Advice for Code Contributors

For those directly contributing to the code bases and reviews there is some overlap with the above advice for Engineering Leaders.

Putting in place the right systems and documentation to try and bring generated code closer in style and best practices to what you and your team would produce is a helpful step towards using these tools responsibly. Make sure you advocate for time to do this kind of work, especially before it is too late in the process and your actual code has drifted too far from your desired style and best practices because of AI generated contributions.

The technical decisions you make, both in terms of language and libraries as well as details within that implementation (like the types you define) are an important way to force generated code to adhere with important logical requirements. Having two string types for Name and Surname, for example, makes it far easier for humans and AI tools to mix up these values, or misuse them. Instead having distinct Name and Surname types can allow for better enforcement of the business logic around the use of these values.

Linting for all languages is also an important tool. Updating your linting checks in your CI and making sure these run before code reviews happen (and making sure the AI tools run these in their process), to enforce the best practices and styling choices you decide on as a team is an important way to have these enforced in a way that doesn’t consume your, or your colleagues capacity reviewing the code.

In these above ways the crux of what we are doing is trying to create ways to protect our reviewing capacity by enforcing that these other details are reviewed and enforced as automatically as possible and feedback is given to the AI tooling to bring it in line with these guidelines.

Another way that anybody creating with AI can improve the quality of their output, and better maintain their understanding of what is produced, is to start the first draft yourself.
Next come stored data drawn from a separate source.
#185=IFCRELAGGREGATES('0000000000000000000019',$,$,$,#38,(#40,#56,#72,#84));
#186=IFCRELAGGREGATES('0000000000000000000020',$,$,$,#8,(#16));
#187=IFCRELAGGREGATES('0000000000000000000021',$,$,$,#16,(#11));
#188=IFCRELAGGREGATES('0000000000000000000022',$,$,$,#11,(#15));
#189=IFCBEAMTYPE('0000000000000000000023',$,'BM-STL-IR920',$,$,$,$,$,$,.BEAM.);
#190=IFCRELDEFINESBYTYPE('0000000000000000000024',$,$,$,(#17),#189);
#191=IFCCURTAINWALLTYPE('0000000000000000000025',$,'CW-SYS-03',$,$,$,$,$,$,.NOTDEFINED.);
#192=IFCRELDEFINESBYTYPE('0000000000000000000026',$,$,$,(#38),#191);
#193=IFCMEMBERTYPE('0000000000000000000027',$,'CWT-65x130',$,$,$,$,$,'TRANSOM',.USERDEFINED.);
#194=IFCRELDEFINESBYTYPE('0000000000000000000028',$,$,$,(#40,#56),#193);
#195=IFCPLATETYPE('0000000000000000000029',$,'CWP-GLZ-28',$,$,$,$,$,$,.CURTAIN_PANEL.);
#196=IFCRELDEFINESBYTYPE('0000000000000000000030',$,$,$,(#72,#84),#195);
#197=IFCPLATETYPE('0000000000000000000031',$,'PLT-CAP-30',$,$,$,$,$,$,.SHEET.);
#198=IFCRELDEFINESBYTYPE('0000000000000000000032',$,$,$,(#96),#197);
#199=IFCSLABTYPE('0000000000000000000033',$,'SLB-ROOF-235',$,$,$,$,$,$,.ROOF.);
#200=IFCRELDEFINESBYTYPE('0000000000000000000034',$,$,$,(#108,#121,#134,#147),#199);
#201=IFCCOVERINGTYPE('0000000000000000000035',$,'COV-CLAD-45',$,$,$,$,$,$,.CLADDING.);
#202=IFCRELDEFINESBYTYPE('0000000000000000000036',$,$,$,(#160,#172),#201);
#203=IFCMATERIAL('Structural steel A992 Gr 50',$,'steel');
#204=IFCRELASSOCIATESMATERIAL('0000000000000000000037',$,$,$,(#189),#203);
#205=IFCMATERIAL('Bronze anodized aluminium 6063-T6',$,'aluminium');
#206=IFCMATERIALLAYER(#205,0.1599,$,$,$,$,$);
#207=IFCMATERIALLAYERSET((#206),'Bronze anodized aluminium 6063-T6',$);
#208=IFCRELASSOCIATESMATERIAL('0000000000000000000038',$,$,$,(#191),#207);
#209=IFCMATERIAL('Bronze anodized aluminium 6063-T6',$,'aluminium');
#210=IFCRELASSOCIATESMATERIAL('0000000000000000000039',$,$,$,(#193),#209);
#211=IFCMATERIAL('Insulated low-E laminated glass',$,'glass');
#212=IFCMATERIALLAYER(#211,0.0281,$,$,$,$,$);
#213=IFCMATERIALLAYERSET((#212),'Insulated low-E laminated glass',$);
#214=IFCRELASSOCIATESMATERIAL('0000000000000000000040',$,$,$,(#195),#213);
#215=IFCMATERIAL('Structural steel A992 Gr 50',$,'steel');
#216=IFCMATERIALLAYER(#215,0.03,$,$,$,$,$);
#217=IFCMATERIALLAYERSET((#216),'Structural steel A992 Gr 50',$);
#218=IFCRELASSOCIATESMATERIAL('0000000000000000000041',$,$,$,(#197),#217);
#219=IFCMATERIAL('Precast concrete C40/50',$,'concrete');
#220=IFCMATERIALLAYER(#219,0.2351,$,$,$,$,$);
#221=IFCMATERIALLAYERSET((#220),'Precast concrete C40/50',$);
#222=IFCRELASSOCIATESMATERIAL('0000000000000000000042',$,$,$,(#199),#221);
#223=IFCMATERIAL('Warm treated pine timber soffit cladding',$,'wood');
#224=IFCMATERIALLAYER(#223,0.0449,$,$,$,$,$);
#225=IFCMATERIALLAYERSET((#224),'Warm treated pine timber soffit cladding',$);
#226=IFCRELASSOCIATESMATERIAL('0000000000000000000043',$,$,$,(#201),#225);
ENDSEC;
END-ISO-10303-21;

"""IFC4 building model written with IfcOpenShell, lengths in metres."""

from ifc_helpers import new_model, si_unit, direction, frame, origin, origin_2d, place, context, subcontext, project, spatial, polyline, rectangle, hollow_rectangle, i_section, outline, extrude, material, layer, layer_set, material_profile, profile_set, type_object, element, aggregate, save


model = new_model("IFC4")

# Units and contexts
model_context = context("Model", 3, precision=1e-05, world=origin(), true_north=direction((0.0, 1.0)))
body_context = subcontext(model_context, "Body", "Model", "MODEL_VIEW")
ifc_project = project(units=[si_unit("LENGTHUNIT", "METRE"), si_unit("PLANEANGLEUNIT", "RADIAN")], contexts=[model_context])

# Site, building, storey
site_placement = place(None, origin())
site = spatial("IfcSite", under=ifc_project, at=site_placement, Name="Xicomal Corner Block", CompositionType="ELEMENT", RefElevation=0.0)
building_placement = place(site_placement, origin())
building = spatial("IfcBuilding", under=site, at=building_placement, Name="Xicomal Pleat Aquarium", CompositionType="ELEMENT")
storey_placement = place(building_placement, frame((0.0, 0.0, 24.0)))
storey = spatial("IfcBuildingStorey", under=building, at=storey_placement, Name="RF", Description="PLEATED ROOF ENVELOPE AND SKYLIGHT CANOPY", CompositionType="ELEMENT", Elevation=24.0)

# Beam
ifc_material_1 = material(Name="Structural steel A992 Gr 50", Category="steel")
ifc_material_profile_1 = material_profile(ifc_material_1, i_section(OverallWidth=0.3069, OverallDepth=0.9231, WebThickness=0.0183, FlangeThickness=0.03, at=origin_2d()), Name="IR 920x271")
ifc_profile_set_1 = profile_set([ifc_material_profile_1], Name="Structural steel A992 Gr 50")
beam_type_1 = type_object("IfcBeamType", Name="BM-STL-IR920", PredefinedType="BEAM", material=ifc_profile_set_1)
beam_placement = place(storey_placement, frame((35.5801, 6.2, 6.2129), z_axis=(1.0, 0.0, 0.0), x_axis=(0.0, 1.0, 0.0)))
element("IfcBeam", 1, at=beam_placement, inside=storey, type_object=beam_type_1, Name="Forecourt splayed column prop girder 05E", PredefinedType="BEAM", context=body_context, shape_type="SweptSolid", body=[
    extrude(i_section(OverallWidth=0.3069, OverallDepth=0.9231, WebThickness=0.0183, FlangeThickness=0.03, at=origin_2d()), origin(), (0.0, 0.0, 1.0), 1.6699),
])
I’ve written before about why letting AI lead from a spec shifts too much away from you. This could mean writing some pseudocode or code with a lot of TODOs and mocks and letting that structure and approach be defined by you. Using an AI tool to then expand on that (fill in TODOs etc) means that understanding how it has gone from step 1, to step 10 is much less of a cognitive load as you had a better idea of where you thought it was going, and if it veers away from that then you might not be as biased against pushing back on that output.

Keep it fun

One important aspect of this that I haven’t yet covered, but is particularly important to me as a person with ADHD, is that code review isn’t as fun as writing code. I’ve not met many engineers who find code reviews more fun than writing code, that’s not what drew most of us to this kind of work.

I have learnt through myself, that what is stimulating is what is motivating. A challenge I can problem solve my way through; getting stuck into the details of the task; learning new knowledge through deeper understanding and experience are aspects of software engineering that I find fun. It is important that we protect the fun in our work if we want to create sustainable working environments for ourselves and our teams.

So now what?

The takeaway here is not to avoid using AI tools altogether, but to properly understand the pitfalls and traps that we can fall into, especially when chasing vanity metrics. It’s also critically important to not just understand these tools, but understand ourselves and our colleagues as humans, with all of our biases and constraints. Understanding all of that will help you and your teams to make much more effective use of AI tools, but it probably won’t 10x productivity - but that was never a realistic goal to begin with.